How could biomedical engineering play a role in solving some of the multi-faceted issues surrounding health care for trans individuals? Montita Sowapark, A.B. ’19, set out to answer that question through her senior thesis project.
“There is a huge gap in terms of the provision of inclusive and accessible health care for LGBTQ+ communities, especially when you are also dealing with intersecting obstacles like race, class, and disability,” said Sowapark, a joint concentrator in women and gender studies and biomedical engineering at the Harvard John A. Paulson School of Engineering and Applied Sciences. “Across the board, there is still very pronounced and deeply entrenched stigma throughout the field of health care, especially for trans individuals.”
For her two-part thesis, she began by studying how the sex/gender system affects the health and wellbeing of LGBTQ+ individuals in Thailand, and then developed a medical device to make the dilation process easier for trans individuals who have undergone gender-affirming vaginoplasty.
Sowapark conducted 32 interviews to analyze how people’s gender identities and sexualities are treated in different ways throughout Thai society—in the family, schools, the workplace, and health care settings—and how those disparities implicitly and explicitly marginalize LGBTQ+ people.

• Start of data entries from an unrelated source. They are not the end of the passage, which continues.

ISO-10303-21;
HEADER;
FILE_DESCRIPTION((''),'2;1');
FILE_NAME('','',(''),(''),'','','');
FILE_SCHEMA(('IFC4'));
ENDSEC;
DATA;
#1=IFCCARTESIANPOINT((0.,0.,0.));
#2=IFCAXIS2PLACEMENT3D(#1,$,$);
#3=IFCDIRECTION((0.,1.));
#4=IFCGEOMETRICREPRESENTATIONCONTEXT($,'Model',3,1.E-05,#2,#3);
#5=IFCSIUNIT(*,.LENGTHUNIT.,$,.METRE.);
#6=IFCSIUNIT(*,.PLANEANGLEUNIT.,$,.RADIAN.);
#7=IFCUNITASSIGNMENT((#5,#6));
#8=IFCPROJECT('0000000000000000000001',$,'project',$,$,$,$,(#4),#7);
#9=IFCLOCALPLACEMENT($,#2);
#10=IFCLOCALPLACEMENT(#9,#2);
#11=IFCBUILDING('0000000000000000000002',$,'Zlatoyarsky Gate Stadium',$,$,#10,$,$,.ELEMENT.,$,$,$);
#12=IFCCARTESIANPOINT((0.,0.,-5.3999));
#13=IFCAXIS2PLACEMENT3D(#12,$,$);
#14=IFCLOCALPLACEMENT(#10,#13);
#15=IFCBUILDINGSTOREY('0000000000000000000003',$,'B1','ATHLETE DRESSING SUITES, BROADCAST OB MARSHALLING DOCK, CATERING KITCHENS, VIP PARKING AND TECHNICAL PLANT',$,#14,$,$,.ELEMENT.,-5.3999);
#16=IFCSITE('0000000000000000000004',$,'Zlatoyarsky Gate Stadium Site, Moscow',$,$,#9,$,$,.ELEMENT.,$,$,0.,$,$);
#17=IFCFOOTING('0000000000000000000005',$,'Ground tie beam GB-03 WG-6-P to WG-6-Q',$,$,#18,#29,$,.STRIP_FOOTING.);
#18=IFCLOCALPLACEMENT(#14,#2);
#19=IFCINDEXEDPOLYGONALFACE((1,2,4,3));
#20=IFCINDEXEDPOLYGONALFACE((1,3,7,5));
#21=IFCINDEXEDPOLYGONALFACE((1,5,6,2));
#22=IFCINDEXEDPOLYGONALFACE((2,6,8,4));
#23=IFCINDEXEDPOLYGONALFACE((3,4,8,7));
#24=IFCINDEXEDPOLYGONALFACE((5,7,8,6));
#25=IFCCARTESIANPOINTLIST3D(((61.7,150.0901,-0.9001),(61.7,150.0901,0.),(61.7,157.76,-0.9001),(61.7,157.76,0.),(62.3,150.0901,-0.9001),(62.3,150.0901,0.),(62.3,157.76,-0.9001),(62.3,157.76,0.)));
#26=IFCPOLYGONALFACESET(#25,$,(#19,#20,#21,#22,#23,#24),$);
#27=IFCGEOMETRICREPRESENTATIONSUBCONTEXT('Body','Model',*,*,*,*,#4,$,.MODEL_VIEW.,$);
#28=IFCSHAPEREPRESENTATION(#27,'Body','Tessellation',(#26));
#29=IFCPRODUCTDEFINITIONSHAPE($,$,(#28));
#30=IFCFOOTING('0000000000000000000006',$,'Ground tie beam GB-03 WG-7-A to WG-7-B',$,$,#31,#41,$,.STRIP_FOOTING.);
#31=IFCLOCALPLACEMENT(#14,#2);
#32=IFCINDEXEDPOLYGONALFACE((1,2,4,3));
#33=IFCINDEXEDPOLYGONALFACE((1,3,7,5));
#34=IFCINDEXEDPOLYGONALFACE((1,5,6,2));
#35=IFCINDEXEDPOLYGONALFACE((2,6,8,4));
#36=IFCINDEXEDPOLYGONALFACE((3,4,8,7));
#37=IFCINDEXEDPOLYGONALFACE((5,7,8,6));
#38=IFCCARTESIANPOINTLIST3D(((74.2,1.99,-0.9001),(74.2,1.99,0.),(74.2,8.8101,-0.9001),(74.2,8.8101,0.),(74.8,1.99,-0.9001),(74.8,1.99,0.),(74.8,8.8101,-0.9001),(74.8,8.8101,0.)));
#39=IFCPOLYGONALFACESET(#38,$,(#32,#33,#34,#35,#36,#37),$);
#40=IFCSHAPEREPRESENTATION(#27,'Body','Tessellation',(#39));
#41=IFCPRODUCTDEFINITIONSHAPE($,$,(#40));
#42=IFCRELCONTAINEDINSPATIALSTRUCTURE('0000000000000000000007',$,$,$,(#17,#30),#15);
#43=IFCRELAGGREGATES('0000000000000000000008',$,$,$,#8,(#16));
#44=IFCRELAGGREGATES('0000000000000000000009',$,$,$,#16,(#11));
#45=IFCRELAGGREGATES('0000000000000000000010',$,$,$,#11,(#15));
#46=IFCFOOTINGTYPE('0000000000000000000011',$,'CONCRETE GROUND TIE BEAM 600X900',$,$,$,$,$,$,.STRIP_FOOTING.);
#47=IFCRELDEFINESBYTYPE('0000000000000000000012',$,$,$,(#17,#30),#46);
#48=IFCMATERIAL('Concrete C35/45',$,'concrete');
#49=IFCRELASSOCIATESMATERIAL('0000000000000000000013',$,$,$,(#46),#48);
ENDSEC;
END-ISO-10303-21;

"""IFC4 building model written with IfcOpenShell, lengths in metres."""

from ifc_helpers import new_model, si_unit, direction, frame, origin, origin_2d, place, context, subcontext, project, spatial, polyline, rectangle, outline, extrude, material, material_profile, profile_set, type_object, element, save


model = new_model("IFC4")

# Units and contexts
model_context = context("Model", 3, precision=1e-05, world=origin(), true_north=direction((0.0, 1.0)))
body_context = subcontext(model_context, "Body", "Model", "MODEL_VIEW")
ifc_project = project(units=[si_unit("LENGTHUNIT", "METRE"), si_unit("PLANEANGLEUNIT", "RADIAN")], contexts=[model_context])

# Site, building, storey
site_placement = place(None, origin())
site = spatial("IfcSite", under=ifc_project, at=site_placement, Name="Zlatoyarsky Gate Stadium Site, Moscow", CompositionType="ELEMENT", RefElevation=0.0)
building_placement = place(site_placement, origin())
building = spatial("IfcBuilding", under=site, at=building_placement, Name="Zlatoyarsky Gate Stadium", CompositionType="ELEMENT")
storey_placement = place(building_placement, frame((0.0, 0.0, -5.3999)))
storey = spatial("IfcBuildingStorey", under=building, at=storey_placement, Name="B1", Description="ATHLETE DRESSING SUITES, BROADCAST OB MARSHALLING DOCK, CATERING KITCHENS, VIP PARKING AND TECHNICAL PLANT", CompositionType="ELEMENT", Elevation=-5.3999)

# Footings
ifc_material = material(Name="Concrete C35/45", Category="concrete")
ifc_material_profile_1 = material_profile(ifc_material, rectangle(XDim=0.6001, YDim=0.8999, at=origin_2d()), Name="GB 600X900")
ifc_profile_set_1 = profile_set([ifc_material_profile_1], Name="Concrete C35/45")
footing_type_1 = type_object("IfcFootingType", Name="CONCRETE GROUND TIE BEAM 600X900", PredefinedType="STRIP_FOOTING", material=ifc_profile_set_1)
footing_1_placement = place(storey_placement, frame((0.0, 0.0, -0.9001)))
element("IfcFooting", 1, at=footing_1_placement, inside=storey, type_object=footing_type_1, Name="Ground tie beam GB-03 WG-6-P to WG-6-Q", PredefinedType="STRIP_FOOTING", context=body_context, shape_type="SweptSolid", body=[
    extrude(outline(polyline([(62.3, 150.0901), (62.3, 157.76), (61.7, 157.76), (61.7, 150.0901), (62.3, 150.0901)])), origin(), (0.0, 0.0, 1.0), 0.9001),
])
footing_2_placement = place(storey_placement, frame((0.0, 0.0, -0.9001)))
element("IfcFooting", 2, at=footing_2_placement, inside=storey, type_object=footing_type_1, Name="Ground tie beam GB-03 WG-7-A to WG-7-B", PredefinedType="STRIP_FOOTING", context=body_context, shape_type="SweptSolid", body=[
    extrude(outline(polyline([(74.8, 1.99), (74.8, 8.8101), (74.2, 8.8101), (74.2, 1.99), (74.8, 1.99)])), origin(), (0.0, 0.0, 1.0), 0.9001),
])

save(model, "model.ifc")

“Thailand has a gender equality act and is considered rather progressive among Asian countries in terms of social norms and legal institutions. However, there is often tolerance, but not acceptance,” she said. “Many people think Thailand is a paradise for LGBTQ+ individuals, but when you talk to people on the ground, there is a real sense that this is just a fantasy and it doesn’t play out in people’s lives.”
One area where Thailand is a leader for LGBTQ+ health care relates to gender affirming vaginoplasty, a procedure where a surgeon creates both an outer and inner vagina by using skin and tissue from a penis. Because of the high number of Thai surgeons who are trained to perform this procedure, and its relatively low cost in Thailand, the nation has become a mecca of medical tourism for those seeking vaginoplasty, which oftentimes is not covered by insurance, Sowapark explained.

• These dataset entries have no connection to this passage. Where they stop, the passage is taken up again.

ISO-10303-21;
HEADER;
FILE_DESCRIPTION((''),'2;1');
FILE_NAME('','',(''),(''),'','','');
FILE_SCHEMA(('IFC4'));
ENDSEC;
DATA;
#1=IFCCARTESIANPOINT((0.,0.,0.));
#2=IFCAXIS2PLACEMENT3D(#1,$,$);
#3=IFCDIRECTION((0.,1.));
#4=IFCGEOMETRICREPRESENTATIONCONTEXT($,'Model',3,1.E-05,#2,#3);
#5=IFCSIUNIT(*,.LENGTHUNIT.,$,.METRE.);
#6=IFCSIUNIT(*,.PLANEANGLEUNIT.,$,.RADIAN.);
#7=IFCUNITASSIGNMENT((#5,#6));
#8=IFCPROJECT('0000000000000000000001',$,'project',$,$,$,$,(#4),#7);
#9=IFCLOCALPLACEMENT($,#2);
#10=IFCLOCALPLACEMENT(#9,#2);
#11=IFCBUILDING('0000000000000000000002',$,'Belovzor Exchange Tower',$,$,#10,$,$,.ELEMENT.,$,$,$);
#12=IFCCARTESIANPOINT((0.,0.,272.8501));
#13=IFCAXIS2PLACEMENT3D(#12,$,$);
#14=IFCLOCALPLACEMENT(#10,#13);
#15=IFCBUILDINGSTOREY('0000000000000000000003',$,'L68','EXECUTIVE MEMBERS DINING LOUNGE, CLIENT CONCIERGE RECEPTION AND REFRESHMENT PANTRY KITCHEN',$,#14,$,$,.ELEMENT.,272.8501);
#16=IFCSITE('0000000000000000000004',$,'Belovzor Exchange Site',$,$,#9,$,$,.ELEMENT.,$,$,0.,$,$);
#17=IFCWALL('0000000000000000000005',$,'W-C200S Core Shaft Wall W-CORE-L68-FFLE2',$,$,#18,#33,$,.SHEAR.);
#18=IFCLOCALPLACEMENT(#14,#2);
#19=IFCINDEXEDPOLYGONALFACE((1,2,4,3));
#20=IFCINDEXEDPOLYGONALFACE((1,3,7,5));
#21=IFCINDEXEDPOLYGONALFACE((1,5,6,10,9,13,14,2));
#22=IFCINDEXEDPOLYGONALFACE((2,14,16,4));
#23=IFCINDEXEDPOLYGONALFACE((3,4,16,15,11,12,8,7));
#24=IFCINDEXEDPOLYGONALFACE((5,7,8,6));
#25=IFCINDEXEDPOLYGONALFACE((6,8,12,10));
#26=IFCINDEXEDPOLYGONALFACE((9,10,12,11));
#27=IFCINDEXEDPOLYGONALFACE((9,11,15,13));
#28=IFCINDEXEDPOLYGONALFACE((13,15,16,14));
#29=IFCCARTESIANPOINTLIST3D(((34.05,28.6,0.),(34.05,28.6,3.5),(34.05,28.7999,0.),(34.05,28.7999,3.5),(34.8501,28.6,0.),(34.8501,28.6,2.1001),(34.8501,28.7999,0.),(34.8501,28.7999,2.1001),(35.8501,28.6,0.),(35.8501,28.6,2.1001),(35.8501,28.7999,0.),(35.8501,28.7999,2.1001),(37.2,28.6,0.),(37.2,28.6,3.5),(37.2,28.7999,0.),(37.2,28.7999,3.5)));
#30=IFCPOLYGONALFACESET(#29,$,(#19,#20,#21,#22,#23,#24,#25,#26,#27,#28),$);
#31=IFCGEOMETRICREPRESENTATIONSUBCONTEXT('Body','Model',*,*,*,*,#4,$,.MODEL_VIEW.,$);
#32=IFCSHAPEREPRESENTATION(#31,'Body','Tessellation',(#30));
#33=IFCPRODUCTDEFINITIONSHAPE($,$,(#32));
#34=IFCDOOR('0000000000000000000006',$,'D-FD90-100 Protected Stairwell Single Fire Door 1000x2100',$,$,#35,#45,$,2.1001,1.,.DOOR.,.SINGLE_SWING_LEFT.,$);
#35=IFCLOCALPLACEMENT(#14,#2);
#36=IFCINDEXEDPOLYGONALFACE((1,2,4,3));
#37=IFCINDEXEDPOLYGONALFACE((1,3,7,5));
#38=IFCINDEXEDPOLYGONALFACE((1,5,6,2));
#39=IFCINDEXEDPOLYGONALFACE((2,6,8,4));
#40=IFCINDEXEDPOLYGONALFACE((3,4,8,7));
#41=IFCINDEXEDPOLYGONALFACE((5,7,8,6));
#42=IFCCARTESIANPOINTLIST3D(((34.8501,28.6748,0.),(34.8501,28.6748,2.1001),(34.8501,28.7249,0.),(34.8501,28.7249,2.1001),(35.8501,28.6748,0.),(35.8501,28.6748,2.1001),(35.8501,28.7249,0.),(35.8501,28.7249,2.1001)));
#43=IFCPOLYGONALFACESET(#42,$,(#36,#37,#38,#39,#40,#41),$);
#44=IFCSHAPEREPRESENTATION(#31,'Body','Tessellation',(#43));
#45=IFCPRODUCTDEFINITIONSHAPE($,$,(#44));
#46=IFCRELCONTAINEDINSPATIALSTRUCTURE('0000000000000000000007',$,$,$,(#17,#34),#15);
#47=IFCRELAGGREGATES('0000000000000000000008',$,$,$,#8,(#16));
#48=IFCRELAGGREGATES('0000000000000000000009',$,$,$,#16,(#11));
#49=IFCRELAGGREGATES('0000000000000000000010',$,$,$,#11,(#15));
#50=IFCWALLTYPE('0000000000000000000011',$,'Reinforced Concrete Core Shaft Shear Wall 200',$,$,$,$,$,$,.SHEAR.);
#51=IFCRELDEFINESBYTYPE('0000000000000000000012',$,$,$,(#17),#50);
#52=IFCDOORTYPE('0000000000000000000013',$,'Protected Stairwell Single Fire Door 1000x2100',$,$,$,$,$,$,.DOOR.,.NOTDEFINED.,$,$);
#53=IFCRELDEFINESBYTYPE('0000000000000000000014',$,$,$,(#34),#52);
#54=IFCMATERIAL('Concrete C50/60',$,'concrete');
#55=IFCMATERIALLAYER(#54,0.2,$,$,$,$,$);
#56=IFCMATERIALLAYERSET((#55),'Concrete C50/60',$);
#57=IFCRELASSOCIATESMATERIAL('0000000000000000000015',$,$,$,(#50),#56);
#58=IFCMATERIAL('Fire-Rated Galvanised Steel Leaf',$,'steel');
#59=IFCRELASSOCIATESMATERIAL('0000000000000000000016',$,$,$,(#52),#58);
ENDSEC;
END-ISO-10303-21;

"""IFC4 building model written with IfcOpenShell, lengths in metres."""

from ifc_helpers import new_model, si_unit, direction, frame, frame_2d, origin, place, context, subcontext, project, spatial, rectangle, extrude, material, layer, layer_set, type_object, element, fill, save


model = new_model("IFC4")

# Units and contexts
model_context = context("Model", 3, precision=1e-05, world=origin(), true_north=direction((0.0, 1.0)))
body_context = subcontext(model_context, "Body", "Model", "MODEL_VIEW")
ifc_project = project(units=[si_unit("LENGTHUNIT", "METRE"), si_unit("PLANEANGLEUNIT", "RADIAN")], contexts=[model_context])

# Site, building, storey
site_placement = place(None, origin())
site = spatial("IfcSite", under=ifc_project, at=site_placement, Name="Belovzor Exchange Site", CompositionType="ELEMENT", RefElevation=0.0)
building_placement = place(site_placement, origin())
building = spatial("IfcBuilding", under=site, at=building_placement, Name="Belovzor Exchange Tower", CompositionType="ELEMENT")
storey_placement = place(building_placement, frame((0.0, 0.0, 272.8501)))
storey = spatial("IfcBuildingStorey", under=building, at=storey_placement, Name="L68", Description="EXECUTIVE MEMBERS DINING LOUNGE, CLIENT CONCIERGE RECEPTION AND REFRESHMENT PANTRY KITCHEN", CompositionType="ELEMENT", Elevation=272.8501)

# Wall, opening, door
ifc_material_1 = material(Name="Concrete C50/60", Category="concrete")
ifc_layer_1 = layer(ifc_material_1, 0.2)
ifc_layer_set_1 = layer_set([ifc_layer_1], Name="Concrete C50/60")
wall_type_1 = type_object("IfcWallType", Name="Reinforced Concrete Core Shaft Shear Wall 200", PredefinedType="SHEAR", material=ifc_layer_set_1)
wall_1_placement = place(storey_placement, frame((34.05, 28.7, 0.0), z_axis=(0.0, 0.0, 1.0), x_axis=(1.0, 0.0, 0.0)))
wall_1 = element("IfcWall", 1, at=wall_1_placement, inside=storey, type_object=wall_type_1, Name="W-C200S Core Shaft Wall W-CORE-L68-FFLE2", PredefinedType="SHEAR", context=body_context, shape_type="SweptSolid", body=[
    extrude(rectangle(XDim=3.1499, YDim=0.2, at=frame_2d((1.575, 0.0))), origin(), (0.0, 0.0, 1.0), 3.5),
])
opening_1_placement = place(wall_1_placement, frame((0.8, 0.0, 0.0)))
opening_1 = element("IfcOpeningElement", 2, at=opening_1_placement, cuts=wall_1, PredefinedType="OPENING", context=body_context, shape_type="SweptSolid", body=[
    extrude(rectangle(XDim=1.0, YDim=2.1001, at=frame_2d((0.5, 1.05))), frame((0.0, 0.1099, 0.0), z_axis=(0.0, -1.0, 0.0), x_axis=(1.0, 0.0, 0.0)), (0.0, 0.0, 1.0), 0.22),
])
ifc_material_2 = material(Name="Fire-Rated Galvanised Steel Leaf", Category="steel")
door_type_1 = type_object("IfcDoorType", Name="Protected Stairwell Single Fire Door 1000x2100", OperationType="NOTDEFINED", PredefinedType="DOOR", material=ifc_material_2)
door_1_placement = place(opening_1_placement, origin())
door_1 = element("IfcDoor", 3, at=door_1_placement, inside=storey, type_object=door_type_1, Name="D-FD90-100 Protected Stairwell Single Fire Door 1000x2100", OperationType="SINGLE_SWING_LEFT", OverallHeight=2.1001, OverallWidth=1.0, PredefinedType="DOOR", context=body_context, shape_type="SweptSolid", body=[
    extrude(rectangle(XDim=1.0, YDim=2.1001, at=frame_2d((0.5, 1.05))), frame((0.0, 0.0249, 0.0), z_axis=(0.0, -1.0, 0.0), x_axis=(1.0, 0.0, 0.0)), (0.0, 0.0, 1.0), 0.05),
])
fill(opening_1, door_1)

save(model, "model.ifc")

As part of the recovery process, patients must dilate two to three times per day for up to three years. Most dilators are rigid, graduated cylinders made of glass or plastic that are uncomfortable and can only be used in a private setting.
For the engineering component of her thesis, Sowapark developed a prototype for a dilator that can expand along a continuous range of diameters. Her prototype is curved, so it more easily conforms to the shape of the vagina and lower abdomen.
As a small motor gearbox rotates, a series of screws move along the shaft and push a set of arms, which are connected to the outer shell of the device to drive the expansion.
The biggest technical challenges she faced involved fabricating small parts with 3D printers, which have limitations in terms of the materials that can be used, and incorporating the best components of available dilators into a new device that met her design specifications.
But even if she had made a perfect prototype that could be implemented right away, Sowapark acknowledges she’d still be left with unanswered questions.
“The way that gender dysphoria is defined can sometimes perpetuate a reductive or flattening narrative of trans identity—that a person needs this medical service to treat gender dysphoria,” she said. “In designing this device, a potential consequence is that it furthers this narrative: ‘oh, you’re a trans woman, I know what that means, you want to have this surgery, and then you need to have the best technology in order to undergo dilation in a successful way so you don’t have complications down the line.’ I’m not sure if it is my place to be reinforcing that narrative.”
For Sowapark, who received a John Loiello AFSOAS FISH Scholarship that will help fund her graduate studies in medical anthropology in London next year, the thesis project was an invaluable learning experience, both from a technical side and theoretical point of view.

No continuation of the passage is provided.